Chinese eunuchs kept their testes in spirit. Your brain can bleed from a sneeze breath. A full moon always rises at sunset and a person is taller when prone. Donald Duck was once banned in Finland because he didn't wear trousers. His loins were feathergirt-like daisies, but no ostrich hides its head in sand. The cure for scurvy was found, then long lost through medical theory. The beginning is a steady, white sound. The full moon rises at sunset and lemurs and capuchin monkeys pass a millipede round to get off on its powerful secretions. Mouthing it, they wriggle in bliss on the ground. The heart of a groomed horse slows down. A fact is a small, compact faith. A sense-datum to beasts, a power to man, even if true, even while true. We read these laws in Isaac Neuron. One woman had 69 children. Some lions mate 50 times a day. Napoleon had a victory addiction. A full moon always rises at sunset. Soldiers can now get in the family way.

KEVIN YOUNG:
Interesting. I love that.

LES MURRAY:
Well, I'm not for nothing the father of an autistic child, you see. The one thing about autees, they literally love fact. And I've always loved fact, too. I didn't realize that I was a bit of an autistic. I was not only a child off a farm, was all I knew, but that is a fairly autistic position to be in. And I thought I'd have a bit of fun with all my factual knowledge.

KEVIN YOUNG:
Yeah. It all seems connected, though. I mean, in this poetics that you've created, I feel like.

LES MURRAY:
Oh, yeah. I'm always trying out new poetics to see how they work. Can we make this work? Yeah, that works. No, that one's not doing the right thing.

KEVIN YOUNG:
You mentioned in the poem you just read, faith, and your poems seem to have, certainly your collective poems, and I think the new poems, too, is To the Glory of God. Is that something you feel comfortable talking about?

LES MURRAY:
It's something I don't know a hell of a lot about. I have written on it a few times. There's one little poem that probably illustrates it better than, well, better than the others, called Church. I turned Catholic when I was, effectively when I was about 18, and joined up when I was about 24, and never mentioned it to my father. I was a bit shy of it because he and Mum were fiercely anti-Catholic, but he never mentioned it either, so the next 40 years, until he died, it never came up in conversation. Where are you, Church? The wish to be right has decamped in large numbers, but some come to God in hopes of being wrong. High on the end wall hangs the Gospel from before he was books. All judging ends in his fix, all including his own. He rose out of Jewish, not English evolution, and he said the lamp he held aloft to all nations was Jewish. Freedom still eats freedom, justice eats justice, love, even love. One retarded man said, Church makes me want to be naughty. But naked in a muddy trench with many thousands, someone's saying, the true God gives his flesh and blood.

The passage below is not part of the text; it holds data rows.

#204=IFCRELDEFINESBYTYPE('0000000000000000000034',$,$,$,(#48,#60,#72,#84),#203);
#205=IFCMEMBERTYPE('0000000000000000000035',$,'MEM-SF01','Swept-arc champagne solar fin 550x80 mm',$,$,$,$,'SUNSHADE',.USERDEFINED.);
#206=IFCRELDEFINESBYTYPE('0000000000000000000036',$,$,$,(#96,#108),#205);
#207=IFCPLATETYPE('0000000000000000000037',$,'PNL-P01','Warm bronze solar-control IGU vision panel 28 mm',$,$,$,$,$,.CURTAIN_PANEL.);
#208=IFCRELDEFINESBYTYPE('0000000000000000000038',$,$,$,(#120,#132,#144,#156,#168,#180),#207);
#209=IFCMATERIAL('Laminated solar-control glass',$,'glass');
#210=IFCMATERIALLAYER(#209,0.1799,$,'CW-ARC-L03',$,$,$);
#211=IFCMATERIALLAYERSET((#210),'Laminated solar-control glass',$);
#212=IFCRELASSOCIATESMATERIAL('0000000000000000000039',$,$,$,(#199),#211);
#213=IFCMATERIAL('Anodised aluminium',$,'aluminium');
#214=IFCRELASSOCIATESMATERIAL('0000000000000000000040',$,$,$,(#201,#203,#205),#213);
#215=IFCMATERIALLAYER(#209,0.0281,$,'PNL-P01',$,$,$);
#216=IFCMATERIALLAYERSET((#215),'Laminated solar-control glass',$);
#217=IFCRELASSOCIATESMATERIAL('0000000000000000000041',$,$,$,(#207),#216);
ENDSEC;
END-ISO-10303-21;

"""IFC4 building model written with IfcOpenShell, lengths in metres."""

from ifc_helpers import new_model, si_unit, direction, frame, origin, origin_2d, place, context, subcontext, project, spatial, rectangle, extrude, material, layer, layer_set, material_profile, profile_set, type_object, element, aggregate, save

Idols demand yours off you.

KEVIN YOUNG:
The only other poem I want to mention that I particularly love, and especially because you mention your father, is that poem The Last Hellos. To me, that's one of my favorite poems, period. And I read, it was in this elegy anthology I did, The Art of Losing, and I would read from it because I think it's so powerful about, well, I mean, wrestling with goodbye, but as a kind of hello.

LES MURRAY:
I'll read it for you, if you like.

KEVIN YOUNG:
Yeah, I'd love that.

LES MURRAY:
Tell you a sad story about him after, though. The Last Hellos. Don't die, Dad, but they die. This last year he was wandering. Took off a new chainsaw blade and cobbled a spear from bits. Perhaps if I lay down, my head'll come better again. His left shoulder kept rising higher in his cardigan. He could see death in a face. Family used to call him in to look at sick ones and say. At his own time, he was told. The knob found in his head was duck egg size. Never hurt. Two to six months, Cecil. I'll be right, he boomed, to his poor sister on the phone. I'll do that when I finish dyin'. Don't die, Cecil, but they do. Going for last drives in the bush, odd and massive board-slotted stumps, bony white in whipstick second growth. I could chop all day. I could always cash a cheque in Sydney or anywhere, any of the shops. Eating still at the head of the table, he now missed food on his knife's side. Sorry, Dad, but like have you forgiven your enemies, your father and all them, all his lifetime of hurt?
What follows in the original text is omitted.